¹ (Footnote added 1924:) In later works (cf. ‘The Economic Problem of Masochism’, 1924c) relating to problems of instinctual life I have expressed an opposite view.6

 

For the sake of completeness I may add that feelings of pity cannot be described as a result of a transformation of instinct occurring in sadism, but necessitate the notion of a reaction-formation against that instinct. (For the difference, see later.)

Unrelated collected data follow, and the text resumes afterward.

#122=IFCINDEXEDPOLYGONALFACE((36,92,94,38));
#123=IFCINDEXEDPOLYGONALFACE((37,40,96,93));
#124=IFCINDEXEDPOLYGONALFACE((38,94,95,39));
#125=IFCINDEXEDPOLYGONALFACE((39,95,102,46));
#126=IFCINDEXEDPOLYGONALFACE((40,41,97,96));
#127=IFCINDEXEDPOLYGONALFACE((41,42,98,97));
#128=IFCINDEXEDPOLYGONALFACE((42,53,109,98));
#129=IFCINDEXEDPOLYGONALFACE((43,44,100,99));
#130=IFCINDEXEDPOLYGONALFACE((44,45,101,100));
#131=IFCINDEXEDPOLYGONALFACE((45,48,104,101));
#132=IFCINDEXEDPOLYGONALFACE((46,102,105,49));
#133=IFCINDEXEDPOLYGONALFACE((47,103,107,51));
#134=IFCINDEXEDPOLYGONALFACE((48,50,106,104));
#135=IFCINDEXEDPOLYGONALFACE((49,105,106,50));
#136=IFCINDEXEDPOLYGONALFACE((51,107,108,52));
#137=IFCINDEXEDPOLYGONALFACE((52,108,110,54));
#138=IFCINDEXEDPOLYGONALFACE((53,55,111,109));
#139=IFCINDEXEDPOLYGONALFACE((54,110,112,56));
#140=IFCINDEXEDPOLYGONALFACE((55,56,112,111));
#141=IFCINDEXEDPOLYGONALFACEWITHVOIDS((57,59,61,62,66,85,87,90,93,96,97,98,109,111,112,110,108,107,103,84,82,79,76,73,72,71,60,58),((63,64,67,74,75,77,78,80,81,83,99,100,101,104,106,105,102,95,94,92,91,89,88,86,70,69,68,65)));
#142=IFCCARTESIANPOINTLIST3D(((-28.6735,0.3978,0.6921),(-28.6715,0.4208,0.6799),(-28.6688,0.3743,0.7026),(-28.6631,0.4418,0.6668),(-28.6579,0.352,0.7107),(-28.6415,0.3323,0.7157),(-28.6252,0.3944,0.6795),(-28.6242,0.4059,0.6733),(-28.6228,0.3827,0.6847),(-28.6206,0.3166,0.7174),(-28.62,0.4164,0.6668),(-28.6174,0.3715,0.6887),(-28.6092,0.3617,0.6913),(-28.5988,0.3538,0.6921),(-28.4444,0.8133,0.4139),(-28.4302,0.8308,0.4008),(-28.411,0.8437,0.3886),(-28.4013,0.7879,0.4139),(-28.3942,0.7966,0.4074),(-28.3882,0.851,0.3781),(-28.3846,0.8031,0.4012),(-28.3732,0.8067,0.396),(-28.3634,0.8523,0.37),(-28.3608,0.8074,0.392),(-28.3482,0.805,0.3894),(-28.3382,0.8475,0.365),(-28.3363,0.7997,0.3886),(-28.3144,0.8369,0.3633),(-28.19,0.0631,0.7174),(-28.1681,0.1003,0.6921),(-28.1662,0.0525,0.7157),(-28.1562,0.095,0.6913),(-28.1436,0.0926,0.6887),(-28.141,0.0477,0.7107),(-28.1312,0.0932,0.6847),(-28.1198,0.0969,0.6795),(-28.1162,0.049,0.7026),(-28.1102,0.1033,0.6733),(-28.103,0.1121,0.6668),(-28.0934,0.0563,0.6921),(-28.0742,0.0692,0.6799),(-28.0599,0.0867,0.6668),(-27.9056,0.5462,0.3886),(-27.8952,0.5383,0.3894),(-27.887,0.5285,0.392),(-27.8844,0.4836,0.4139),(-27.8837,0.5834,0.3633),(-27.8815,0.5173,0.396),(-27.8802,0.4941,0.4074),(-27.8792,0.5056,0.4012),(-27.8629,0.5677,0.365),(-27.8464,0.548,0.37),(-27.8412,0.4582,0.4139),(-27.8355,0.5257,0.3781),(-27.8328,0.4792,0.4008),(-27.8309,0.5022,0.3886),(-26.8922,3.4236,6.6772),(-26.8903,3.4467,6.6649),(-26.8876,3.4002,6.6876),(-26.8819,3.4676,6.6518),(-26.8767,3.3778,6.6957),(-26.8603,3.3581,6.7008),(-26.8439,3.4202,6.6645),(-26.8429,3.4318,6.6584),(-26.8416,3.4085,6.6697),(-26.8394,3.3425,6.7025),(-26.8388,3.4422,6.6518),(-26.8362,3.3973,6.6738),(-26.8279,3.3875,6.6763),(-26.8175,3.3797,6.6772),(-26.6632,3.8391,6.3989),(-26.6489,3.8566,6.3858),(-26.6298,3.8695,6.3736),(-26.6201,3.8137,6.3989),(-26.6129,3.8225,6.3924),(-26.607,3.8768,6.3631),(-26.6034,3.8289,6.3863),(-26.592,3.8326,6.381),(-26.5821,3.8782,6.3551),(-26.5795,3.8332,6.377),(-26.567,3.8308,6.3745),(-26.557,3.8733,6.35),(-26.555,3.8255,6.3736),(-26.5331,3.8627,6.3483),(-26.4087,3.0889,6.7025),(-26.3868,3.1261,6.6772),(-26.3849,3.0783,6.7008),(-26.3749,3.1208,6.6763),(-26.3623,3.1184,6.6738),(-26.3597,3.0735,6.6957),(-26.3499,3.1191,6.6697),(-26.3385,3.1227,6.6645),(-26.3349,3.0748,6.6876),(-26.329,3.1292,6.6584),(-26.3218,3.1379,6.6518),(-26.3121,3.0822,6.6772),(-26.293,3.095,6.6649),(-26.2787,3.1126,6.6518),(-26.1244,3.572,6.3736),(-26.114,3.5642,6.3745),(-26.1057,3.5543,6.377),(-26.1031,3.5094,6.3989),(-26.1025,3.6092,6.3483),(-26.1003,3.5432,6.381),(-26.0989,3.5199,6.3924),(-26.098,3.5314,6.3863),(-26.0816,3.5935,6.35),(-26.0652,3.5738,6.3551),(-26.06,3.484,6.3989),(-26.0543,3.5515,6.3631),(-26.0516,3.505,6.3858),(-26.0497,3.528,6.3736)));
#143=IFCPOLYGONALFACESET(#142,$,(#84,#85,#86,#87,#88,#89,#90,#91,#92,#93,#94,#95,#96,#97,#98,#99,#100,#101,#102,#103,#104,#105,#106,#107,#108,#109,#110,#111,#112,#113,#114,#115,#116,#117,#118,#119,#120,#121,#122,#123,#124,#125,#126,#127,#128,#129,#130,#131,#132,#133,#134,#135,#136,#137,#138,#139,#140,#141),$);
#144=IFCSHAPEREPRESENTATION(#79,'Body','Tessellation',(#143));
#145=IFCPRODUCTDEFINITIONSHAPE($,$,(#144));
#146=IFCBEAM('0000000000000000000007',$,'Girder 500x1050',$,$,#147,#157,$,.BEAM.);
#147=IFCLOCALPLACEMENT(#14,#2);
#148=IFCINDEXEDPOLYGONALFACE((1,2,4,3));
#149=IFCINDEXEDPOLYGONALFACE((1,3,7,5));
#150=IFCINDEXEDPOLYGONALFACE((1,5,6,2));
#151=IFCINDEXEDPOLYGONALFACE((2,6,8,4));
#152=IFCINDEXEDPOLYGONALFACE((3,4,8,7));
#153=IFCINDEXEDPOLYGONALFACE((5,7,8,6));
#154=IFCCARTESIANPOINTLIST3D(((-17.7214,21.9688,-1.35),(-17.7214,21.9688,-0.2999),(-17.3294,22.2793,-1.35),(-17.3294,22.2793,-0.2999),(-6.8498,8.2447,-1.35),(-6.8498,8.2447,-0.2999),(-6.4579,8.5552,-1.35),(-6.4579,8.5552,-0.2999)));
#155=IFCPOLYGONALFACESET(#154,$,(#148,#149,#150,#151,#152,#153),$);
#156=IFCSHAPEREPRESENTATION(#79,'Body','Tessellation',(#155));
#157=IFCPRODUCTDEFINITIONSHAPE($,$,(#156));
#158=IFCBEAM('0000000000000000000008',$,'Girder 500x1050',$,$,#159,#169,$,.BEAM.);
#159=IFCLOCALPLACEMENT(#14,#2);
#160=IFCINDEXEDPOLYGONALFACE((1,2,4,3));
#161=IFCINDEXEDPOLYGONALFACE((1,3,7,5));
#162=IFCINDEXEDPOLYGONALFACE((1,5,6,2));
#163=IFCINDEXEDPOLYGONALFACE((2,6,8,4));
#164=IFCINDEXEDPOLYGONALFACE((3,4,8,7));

Rather different and simpler findings are afforded by the investigation of another pair of opposites - the instincts whose respective aim is to look and to display oneself (scopophilia and exhibitionism, in the language of the perversions). Here again we may postulate the same stages as in the previous instance:- (a) Looking as an activity directed towards an extraneous object. (b) Giving up of the object and turning of the scopophilic instinct towards a part of the subject’s own body; with this, transformation to passivity and setting up of a new aim - that of being looked at. (c) Introduction of a new subject to whom one displays oneself in order to be looked at by him. Here, too, it can hardly be doubted that the active aim appears before the passive, that looking precedes being looked at. But there is an important divergence from what happens in the case of sadism, in that we can recognize in the case of the scopophilic instinct a yet earlier stage than that described as (a). For the beginning of its activity the scopophilic instinct is auto-erotic: it has indeed an object, but that object is part of the subject’s own body. It is only later that the instinct is led, by a process of comparison, to exchange this object for an analogous part of someone else’s body - stage (a). This preliminary stage is interesting because it is the source of both the situations represented in the resulting pair of opposites, the one or the other according to which element in the original situation is changed. The following might serve as a diagrammatic picture of the scopophilic instinct:-

 

() Oneself looking at a = A sexual organ being looked

sexual organ at by oneself

|

() Oneself looking at an () An object which is oneself

extraneous object or part of oneself being looked

(active scopophilia) at by an extraneous person

(exhibitionism) 7

 

A preliminary stage of this kind is absent in sadism, which from the outset is directed upon an extraneous object, although it might not be altogether unreasonable to construct such a stage out of the child’s efforts to gain control over his own limbs.¹

With regard to both the instincts which we have just taken as examples, it should be remarked that their transformation by a reversal from activity to passivity and by a turning round upon the subject never in fact involves the whole quota of the instinctual impulse. The earlier active direction of the instinct persists to some degree side by side with its later passive direction, even when the process of its transformation has been very extensive. The only correct statement to make about the scopophilic instinct would be that all the stages of its development, its auto-erotic, preliminary stage as well as its final active or passive form, co-exist alongside one another; and the truth of this becomes obvious if we base our opinion, not on the actions to which the instinct leads, but on the mechanism of its satisfaction. Perhaps, however, it is permissible to look at the matter and represent it in yet another way. We can divide the life of each instinct into a series of separate successive waves, each of which is homogeneous during whatever period of time it may last, and whose relation to one another is comparable to that of successive eruptions of lava. We can then perhaps picture the first, original eruption of the instinct as proceeding in an unchanged form and undergoing no development at all. The next wave would be modified from the outset -(being turned, for instance, from active to passive - and would then, with this new characteristic, be added to the earlier wave, and so on. If we were then to take a survey of the instinctual impulse from its beginning up to a given point, the succession of waves which we have described would inevitably present the picture of a definite development of the instinct.